So I was like, okay, how long have I got? And she goes, like, two hours. Can you do two hours?

And so the kids are asleep, I’ve got these two young children, they’re in bed. My wife is sort of pottering around. And I open the laptop and I literally have to write this letter which starts “Dear Bruce”. And to try to write something, which isn’t going to be a 5000 words or anything, it has to be fairly tight, it has to be fairly concise, but it basically has to say, you know, can we have you…

And I thought to myself it sounds like a cliché but this letter is a life changing moment. This is the thing which if this happens my life will change. And if it doesn’t happen, things will be very different.

And so I wrote the letter. And then for the next two or three weeks there was this agonising silence. Absolutely agonising silence. And then in early June I was in Hay on Wye for the book festival. It’s a really massive book festival on the borders of England and Wales and I go there every year.

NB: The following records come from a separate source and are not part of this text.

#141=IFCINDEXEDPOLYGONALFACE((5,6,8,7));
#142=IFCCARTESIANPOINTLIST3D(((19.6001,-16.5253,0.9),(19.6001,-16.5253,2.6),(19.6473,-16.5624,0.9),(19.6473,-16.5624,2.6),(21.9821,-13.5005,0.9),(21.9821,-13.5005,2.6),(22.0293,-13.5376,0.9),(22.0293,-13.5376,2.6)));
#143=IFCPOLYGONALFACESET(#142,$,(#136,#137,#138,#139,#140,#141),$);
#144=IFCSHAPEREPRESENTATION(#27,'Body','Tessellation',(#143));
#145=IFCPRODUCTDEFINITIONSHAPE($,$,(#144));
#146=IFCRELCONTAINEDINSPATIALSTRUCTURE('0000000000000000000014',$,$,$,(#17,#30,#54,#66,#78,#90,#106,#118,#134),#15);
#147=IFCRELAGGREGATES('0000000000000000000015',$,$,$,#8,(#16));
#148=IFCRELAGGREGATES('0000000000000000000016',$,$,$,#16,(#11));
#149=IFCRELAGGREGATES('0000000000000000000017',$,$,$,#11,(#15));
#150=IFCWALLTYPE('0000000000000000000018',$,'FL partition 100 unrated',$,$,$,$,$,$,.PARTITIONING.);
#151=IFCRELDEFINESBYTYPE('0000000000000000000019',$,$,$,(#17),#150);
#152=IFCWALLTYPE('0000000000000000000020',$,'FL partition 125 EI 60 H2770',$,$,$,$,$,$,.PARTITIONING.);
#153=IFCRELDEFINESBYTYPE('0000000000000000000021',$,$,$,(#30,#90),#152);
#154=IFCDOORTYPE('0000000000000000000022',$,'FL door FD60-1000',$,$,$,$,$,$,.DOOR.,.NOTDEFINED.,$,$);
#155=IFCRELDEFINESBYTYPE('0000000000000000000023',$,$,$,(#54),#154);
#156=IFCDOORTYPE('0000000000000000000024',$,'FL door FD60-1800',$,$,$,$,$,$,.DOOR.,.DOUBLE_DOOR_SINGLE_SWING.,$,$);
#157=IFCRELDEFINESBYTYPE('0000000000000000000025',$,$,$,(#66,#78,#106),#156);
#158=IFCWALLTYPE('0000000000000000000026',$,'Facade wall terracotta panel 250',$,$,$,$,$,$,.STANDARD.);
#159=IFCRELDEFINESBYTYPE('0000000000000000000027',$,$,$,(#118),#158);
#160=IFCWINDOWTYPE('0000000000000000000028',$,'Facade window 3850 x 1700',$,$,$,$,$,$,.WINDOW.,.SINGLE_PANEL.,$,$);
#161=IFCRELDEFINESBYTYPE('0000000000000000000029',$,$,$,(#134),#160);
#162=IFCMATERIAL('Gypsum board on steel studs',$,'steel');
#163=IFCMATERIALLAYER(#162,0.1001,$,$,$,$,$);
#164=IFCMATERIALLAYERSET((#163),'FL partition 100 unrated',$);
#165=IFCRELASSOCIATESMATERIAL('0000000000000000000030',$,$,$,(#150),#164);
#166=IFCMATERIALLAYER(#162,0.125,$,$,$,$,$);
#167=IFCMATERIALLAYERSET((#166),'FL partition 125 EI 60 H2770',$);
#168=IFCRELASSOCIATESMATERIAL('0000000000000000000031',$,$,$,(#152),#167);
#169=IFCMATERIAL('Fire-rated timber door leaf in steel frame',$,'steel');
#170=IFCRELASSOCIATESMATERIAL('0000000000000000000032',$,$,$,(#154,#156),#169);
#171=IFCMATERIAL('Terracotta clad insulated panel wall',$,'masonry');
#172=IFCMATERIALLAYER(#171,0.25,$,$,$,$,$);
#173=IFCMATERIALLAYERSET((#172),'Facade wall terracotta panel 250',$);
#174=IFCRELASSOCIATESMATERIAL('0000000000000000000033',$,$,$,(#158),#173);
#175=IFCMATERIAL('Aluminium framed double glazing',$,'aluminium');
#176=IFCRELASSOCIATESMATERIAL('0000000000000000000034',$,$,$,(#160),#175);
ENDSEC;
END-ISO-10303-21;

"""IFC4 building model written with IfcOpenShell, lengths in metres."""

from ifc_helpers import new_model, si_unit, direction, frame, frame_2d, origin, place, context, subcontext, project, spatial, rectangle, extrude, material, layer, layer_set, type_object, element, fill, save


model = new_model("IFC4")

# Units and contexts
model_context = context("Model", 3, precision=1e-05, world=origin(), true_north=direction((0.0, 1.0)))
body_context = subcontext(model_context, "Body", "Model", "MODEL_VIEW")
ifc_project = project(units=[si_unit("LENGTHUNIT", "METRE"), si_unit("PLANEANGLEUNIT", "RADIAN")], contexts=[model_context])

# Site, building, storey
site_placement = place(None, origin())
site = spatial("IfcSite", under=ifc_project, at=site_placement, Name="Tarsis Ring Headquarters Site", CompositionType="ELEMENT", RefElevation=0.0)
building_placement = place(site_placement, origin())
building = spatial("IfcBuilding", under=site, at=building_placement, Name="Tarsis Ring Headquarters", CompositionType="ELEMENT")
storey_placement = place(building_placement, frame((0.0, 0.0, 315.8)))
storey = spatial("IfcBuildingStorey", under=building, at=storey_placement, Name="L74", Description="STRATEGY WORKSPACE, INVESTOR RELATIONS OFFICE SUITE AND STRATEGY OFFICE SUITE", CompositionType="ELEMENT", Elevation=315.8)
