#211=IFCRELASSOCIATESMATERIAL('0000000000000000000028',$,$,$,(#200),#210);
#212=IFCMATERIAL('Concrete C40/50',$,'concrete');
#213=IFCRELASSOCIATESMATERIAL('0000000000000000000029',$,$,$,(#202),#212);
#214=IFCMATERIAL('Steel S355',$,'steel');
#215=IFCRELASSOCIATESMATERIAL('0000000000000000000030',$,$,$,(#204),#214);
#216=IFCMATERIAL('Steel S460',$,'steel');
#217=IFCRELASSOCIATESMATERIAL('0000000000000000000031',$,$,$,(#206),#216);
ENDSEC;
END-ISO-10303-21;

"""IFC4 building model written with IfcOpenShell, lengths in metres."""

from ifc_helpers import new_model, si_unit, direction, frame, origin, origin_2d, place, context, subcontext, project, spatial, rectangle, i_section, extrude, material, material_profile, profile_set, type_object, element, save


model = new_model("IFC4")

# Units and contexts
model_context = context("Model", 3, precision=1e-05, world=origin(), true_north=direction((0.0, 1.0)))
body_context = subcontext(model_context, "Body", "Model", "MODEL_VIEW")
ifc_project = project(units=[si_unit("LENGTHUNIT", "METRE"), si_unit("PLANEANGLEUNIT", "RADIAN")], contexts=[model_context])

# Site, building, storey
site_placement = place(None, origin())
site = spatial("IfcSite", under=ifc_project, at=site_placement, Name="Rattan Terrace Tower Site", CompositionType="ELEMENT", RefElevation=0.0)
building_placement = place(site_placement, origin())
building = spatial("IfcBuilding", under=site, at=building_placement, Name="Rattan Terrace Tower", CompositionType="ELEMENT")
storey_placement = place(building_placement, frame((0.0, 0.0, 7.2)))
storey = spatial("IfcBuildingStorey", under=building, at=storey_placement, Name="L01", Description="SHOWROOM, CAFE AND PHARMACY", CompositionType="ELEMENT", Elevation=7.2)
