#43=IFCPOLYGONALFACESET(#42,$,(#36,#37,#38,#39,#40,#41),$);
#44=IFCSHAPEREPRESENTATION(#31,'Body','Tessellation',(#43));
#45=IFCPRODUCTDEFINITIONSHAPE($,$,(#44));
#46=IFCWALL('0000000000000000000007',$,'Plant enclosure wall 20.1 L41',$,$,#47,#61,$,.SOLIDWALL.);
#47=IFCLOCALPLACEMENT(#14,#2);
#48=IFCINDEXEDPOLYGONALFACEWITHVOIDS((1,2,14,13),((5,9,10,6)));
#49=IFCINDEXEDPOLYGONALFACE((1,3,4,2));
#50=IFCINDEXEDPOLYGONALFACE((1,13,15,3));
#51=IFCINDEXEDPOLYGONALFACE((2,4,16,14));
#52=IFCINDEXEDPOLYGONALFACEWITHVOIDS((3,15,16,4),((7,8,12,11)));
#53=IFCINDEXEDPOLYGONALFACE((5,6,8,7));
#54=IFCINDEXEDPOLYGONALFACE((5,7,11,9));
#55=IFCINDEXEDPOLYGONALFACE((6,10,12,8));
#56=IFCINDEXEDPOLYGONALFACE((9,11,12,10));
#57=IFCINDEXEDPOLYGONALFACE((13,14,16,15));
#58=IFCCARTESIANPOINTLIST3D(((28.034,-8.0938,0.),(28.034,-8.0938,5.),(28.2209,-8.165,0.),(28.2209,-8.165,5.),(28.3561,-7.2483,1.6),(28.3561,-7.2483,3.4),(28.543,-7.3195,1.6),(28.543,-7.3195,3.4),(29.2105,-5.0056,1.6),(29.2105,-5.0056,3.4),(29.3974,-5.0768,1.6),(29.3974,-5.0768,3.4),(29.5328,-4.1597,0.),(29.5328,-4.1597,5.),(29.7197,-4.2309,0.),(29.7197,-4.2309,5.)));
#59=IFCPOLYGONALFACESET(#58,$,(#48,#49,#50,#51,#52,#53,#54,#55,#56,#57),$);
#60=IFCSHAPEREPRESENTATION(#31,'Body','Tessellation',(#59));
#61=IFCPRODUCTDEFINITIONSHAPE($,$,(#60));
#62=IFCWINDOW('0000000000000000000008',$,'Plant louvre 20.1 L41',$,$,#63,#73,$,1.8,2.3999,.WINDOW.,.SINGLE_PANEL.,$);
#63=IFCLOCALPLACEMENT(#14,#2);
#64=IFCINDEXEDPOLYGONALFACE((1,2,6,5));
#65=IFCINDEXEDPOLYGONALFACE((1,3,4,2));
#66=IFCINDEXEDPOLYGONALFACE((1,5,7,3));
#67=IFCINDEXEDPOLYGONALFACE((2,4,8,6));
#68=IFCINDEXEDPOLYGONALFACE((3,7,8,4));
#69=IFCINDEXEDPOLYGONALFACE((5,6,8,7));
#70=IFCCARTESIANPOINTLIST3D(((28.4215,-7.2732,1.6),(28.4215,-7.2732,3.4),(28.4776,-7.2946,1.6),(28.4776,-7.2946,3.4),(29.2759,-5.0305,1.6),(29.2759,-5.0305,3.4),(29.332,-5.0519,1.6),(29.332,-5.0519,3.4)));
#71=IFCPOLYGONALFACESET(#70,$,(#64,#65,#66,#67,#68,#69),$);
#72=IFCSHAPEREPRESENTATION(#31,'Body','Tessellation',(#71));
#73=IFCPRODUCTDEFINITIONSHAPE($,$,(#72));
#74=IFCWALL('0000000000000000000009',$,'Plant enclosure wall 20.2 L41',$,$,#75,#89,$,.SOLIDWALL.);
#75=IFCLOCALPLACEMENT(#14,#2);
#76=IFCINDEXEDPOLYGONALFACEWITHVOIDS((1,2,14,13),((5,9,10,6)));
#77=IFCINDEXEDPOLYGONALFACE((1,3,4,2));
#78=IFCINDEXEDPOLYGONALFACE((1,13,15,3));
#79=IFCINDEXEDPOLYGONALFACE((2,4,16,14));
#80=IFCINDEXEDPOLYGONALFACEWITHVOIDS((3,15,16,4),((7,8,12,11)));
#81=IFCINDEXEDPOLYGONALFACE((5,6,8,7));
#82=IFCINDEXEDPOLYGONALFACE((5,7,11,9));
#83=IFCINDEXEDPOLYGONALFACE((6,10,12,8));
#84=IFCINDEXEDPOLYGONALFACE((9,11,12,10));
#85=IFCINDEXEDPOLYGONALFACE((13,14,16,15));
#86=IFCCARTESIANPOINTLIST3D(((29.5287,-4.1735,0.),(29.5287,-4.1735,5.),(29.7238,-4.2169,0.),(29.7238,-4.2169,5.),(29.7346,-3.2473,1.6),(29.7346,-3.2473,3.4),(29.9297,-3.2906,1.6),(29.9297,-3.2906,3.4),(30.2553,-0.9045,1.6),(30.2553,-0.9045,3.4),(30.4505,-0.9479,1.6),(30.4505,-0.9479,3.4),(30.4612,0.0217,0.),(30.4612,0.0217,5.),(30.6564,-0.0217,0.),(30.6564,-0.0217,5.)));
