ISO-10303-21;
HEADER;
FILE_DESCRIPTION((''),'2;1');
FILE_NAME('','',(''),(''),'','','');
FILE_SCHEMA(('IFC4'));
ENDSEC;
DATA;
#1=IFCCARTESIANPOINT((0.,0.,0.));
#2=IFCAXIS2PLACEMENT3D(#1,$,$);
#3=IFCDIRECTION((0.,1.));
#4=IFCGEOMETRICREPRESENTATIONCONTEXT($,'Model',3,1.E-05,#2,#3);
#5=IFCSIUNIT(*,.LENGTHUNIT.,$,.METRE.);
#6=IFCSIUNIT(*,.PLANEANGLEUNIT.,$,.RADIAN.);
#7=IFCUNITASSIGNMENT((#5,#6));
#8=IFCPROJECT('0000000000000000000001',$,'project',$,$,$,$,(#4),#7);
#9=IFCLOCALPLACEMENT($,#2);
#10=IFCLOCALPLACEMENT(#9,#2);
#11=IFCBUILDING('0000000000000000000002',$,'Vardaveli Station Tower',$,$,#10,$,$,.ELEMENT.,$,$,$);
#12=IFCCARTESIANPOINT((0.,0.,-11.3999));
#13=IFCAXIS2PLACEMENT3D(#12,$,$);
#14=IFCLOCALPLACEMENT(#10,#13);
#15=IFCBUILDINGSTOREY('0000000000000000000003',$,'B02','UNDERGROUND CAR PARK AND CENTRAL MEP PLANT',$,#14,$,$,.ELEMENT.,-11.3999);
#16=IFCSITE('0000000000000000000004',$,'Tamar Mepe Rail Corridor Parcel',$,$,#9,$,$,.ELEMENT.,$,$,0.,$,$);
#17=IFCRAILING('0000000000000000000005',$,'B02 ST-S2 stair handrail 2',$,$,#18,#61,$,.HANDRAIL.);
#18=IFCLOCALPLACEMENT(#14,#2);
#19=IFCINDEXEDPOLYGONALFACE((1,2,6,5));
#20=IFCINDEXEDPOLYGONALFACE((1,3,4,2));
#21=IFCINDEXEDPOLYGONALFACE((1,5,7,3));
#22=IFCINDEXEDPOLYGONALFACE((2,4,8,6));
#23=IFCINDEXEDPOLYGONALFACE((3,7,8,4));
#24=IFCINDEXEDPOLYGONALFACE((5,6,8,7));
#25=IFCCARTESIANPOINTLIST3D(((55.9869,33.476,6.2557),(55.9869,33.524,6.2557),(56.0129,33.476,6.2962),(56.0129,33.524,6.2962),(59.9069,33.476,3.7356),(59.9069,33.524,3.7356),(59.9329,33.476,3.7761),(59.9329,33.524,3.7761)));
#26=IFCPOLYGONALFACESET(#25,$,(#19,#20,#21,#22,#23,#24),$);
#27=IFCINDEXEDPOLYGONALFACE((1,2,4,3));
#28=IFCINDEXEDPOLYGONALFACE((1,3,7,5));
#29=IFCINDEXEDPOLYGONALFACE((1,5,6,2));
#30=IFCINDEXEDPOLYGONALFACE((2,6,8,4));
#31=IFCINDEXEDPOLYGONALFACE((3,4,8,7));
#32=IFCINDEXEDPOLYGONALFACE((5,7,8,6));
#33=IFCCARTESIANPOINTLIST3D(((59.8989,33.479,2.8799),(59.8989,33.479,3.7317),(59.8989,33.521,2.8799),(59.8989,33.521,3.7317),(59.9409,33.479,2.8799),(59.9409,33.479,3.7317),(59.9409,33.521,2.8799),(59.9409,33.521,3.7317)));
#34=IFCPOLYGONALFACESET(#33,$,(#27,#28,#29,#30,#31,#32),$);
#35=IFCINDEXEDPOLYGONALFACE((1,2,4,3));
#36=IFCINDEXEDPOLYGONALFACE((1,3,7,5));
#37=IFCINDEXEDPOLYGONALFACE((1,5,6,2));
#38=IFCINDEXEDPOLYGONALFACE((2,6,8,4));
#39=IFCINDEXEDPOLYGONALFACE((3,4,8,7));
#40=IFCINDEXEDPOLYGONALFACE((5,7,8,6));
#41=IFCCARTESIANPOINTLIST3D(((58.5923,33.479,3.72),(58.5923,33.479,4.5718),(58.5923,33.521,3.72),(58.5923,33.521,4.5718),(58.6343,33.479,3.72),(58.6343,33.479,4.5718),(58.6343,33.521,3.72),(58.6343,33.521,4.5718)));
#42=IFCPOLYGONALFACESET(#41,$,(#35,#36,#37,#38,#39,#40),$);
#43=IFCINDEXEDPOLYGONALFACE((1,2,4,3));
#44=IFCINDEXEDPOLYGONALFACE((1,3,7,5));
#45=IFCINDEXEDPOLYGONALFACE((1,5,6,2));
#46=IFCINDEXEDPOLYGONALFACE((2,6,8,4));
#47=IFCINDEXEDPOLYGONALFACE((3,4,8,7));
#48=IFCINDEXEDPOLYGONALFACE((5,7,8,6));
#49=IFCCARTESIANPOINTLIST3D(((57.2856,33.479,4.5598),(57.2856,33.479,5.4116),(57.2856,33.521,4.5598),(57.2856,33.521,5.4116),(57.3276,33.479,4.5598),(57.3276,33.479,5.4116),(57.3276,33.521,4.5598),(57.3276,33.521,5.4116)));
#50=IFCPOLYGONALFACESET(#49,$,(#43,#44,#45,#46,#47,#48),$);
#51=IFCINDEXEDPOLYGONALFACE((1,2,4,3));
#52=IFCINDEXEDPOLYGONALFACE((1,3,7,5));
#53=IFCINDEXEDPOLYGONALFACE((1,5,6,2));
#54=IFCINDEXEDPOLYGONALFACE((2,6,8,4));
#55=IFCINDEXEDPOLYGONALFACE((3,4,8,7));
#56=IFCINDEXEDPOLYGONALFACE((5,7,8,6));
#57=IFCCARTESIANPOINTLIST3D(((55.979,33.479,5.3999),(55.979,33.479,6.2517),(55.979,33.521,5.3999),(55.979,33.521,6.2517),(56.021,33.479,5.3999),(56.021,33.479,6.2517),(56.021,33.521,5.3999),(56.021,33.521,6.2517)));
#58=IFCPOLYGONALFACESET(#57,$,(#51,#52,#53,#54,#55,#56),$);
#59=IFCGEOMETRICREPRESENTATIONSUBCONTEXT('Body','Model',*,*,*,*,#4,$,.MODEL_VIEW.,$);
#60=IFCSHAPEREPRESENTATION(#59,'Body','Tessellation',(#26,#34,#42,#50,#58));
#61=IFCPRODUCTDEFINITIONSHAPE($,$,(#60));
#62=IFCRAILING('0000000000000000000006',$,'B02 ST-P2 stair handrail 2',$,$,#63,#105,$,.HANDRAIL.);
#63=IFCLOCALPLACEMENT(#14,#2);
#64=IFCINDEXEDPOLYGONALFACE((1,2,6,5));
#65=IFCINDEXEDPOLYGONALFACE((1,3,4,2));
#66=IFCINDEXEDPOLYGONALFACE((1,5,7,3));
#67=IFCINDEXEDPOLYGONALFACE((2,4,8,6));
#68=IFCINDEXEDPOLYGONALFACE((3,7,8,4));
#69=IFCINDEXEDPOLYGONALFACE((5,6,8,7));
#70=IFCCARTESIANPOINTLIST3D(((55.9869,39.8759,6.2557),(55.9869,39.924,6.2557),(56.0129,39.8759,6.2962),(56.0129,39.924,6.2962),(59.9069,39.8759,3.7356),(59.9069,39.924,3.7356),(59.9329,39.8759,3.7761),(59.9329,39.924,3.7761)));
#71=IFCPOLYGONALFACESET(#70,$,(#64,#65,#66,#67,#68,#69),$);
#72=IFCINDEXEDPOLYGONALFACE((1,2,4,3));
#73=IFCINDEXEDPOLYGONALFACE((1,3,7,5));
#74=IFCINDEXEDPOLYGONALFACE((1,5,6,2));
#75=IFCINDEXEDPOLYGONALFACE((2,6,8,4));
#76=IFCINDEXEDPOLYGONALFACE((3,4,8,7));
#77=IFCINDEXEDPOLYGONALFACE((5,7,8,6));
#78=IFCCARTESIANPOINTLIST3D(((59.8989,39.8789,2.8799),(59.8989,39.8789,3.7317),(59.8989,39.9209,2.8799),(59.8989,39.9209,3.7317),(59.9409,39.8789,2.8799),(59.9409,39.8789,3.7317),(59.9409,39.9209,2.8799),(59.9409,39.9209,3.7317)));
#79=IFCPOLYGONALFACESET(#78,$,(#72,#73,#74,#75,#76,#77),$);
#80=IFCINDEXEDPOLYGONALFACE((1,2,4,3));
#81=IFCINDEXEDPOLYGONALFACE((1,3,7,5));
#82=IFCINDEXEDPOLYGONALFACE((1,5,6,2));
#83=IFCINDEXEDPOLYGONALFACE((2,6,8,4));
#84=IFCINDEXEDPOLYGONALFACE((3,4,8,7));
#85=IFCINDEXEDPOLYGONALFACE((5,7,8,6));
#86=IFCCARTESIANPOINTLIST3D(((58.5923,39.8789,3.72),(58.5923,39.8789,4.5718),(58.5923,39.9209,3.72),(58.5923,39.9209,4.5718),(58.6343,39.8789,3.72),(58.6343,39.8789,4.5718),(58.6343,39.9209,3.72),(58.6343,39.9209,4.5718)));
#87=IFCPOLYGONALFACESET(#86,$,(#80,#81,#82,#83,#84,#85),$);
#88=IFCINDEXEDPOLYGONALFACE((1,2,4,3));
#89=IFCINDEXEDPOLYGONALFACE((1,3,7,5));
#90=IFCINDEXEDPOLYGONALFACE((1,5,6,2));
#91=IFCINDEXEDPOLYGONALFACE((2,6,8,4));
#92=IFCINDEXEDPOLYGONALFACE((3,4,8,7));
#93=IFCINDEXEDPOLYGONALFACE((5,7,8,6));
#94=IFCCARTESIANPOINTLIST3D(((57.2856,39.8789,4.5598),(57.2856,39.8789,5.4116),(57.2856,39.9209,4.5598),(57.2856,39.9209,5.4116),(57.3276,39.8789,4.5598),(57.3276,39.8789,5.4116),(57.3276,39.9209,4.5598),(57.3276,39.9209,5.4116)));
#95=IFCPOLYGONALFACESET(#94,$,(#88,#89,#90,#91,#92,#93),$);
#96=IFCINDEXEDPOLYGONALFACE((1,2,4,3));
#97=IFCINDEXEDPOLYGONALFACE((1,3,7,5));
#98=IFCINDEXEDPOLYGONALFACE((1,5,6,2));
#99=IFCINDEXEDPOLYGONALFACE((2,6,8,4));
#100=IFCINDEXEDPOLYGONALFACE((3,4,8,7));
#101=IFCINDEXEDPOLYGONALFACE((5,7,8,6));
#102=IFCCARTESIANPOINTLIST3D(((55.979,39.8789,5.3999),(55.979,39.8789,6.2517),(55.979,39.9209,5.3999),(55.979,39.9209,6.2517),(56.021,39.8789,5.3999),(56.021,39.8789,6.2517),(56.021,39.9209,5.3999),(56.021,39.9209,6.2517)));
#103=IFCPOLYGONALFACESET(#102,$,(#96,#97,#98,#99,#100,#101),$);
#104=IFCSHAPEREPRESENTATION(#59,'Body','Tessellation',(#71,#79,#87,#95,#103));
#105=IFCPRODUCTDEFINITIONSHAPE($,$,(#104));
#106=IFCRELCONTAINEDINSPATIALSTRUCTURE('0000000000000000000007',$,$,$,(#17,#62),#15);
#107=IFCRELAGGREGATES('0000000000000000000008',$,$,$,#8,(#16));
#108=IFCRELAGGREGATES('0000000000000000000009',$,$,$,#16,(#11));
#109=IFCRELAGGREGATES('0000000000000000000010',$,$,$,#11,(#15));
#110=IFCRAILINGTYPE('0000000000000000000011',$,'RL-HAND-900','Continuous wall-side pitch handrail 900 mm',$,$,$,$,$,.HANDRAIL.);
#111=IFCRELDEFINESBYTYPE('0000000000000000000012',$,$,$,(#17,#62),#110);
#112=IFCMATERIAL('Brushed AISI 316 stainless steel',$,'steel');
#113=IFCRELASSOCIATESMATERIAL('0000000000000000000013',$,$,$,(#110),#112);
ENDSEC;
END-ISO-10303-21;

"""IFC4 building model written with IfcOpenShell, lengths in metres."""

from ifc_helpers import new_model, si_unit, direction, frame, origin, origin_2d, place, context, subcontext, project, spatial, rectangle, extrude, source, transform, mapped, material, type_object, element, save


model = new_model("IFC4")

# Units and contexts
model_context = context("Model", 3, precision=1e-05, world=origin(), true_north=direction((0.0, 1.0)))
body_context = subcontext(model_context, "Body", "Model", "MODEL_VIEW")
ifc_project = project(units=[si_unit("LENGTHUNIT", "METRE"), si_unit("PLANEANGLEUNIT", "RADIAN")], contexts=[model_context])

# Site, building, storey
site_placement = place(None, origin())
site = spatial("IfcSite", under=ifc_project, at=site_placement, Name="Tamar Mepe Rail Corridor Parcel", CompositionType="ELEMENT", RefElevation=0.0)
building_placement = place(site_placement, origin())
building = spatial("IfcBuilding", under=site, at=building_placement, Name="Vardaveli Station Tower", CompositionType="ELEMENT")
storey_placement = place(building_placement, frame((0.0, 0.0, -11.3999)))
storey = spatial("IfcBuildingStorey", under=building, at=storey_placement, Name="B02", Description="UNDERGROUND CAR PARK AND CENTRAL MEP PLANT", CompositionType="ELEMENT", Elevation=-11.3999)

# Railings
ifc_material_1 = material(Name="Brushed AISI 316 stainless steel", Category="steel")
railing_type_1 = type_object("IfcRailingType", Name="RL-HAND-900", Description="Continuous wall-side pitch handrail 900 mm", PredefinedType="HANDRAIL", material=ifc_material_1)
shared_shape_1 = source(origin(), body_context, "Body", "SweptSolid", [
    extrude(rectangle(XDim=0.0481, YDim=0.0481, at=origin_2d()), frame((0.0, 0.0, 0.876), z_axis=(-0.841172, 0.0, 0.540768), x_axis=(0.0, -1.0, 0.0)), (0.0, 0.0, 1.0), 4.6602),
    extrude(rectangle(XDim=0.042, YDim=0.042, at=origin_2d()), origin(), (0.0, 0.0, 1.0), 0.8518),
    extrude(rectangle(XDim=0.042, YDim=0.042, at=origin_2d()), frame((-1.3066, 0.0, 0.8401)), (0.0, 0.0, 1.0), 0.8518),
    extrude(rectangle(XDim=0.042, YDim=0.042, at=origin_2d()), frame((-2.6133, 0.0, 1.6799)), (0.0, 0.0, 1.0), 0.8518),
    extrude(rectangle(XDim=0.042, YDim=0.042, at=origin_2d()), frame((-3.9199, 0.0, 2.52)), (0.0, 0.0, 1.0), 0.8518),
])
for number, where, name in (
    (1, (59.9199, 33.5, 2.8799), "B02 ST-S2 stair handrail 2"),
    (2, (59.9199, 39.8999, 2.8799), "B02 ST-P2 stair handrail 2"),
):
    element("IfcRailing", number, at=place(storey_placement, frame(where)), inside=storey, type_object=railing_type_1, Name=name, PredefinedType="HANDRAIL", context=body_context, shape_type="MappedRepresentation", body=[
        mapped(shared_shape_1, transform((0.0, 0.0, 0.0), scale=1.0)),
    ])

save(model, "model.ifc")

And so I was there in a little cottage with my wife and kids. And it was a couple of days before my birthday. And I get this phone call from Gurinder and I answer it and she’s singing Happy Birthday to me. And I said, what? And she goes, I’ve got you a birthday present. Bruce has just come back to us and he said, I’m all good with it.

I said, what does that mean? She goes, that’s it. We’ve got him on board. That means we can have the film. The film can go ahead.

So I was just jumping around. I mean, pure exuberation and exhilaration. But the thing is, I want to run upstairs and tell Bridget, my wife, because I’m like, oh my god! This is a journey I’ve gone on with her. But the problem is that I’d had a massive argument with her that night about something really minor. Like I think I’d forgotten to take the bins out and it was the day of bin collection the next day or something. Something minor which had really upset her. So she’d gone to bed in a bit of a huff. And I was like, I wonder if I can wake her up and say, can we just park this petty argument because I’ve got some really big news for you.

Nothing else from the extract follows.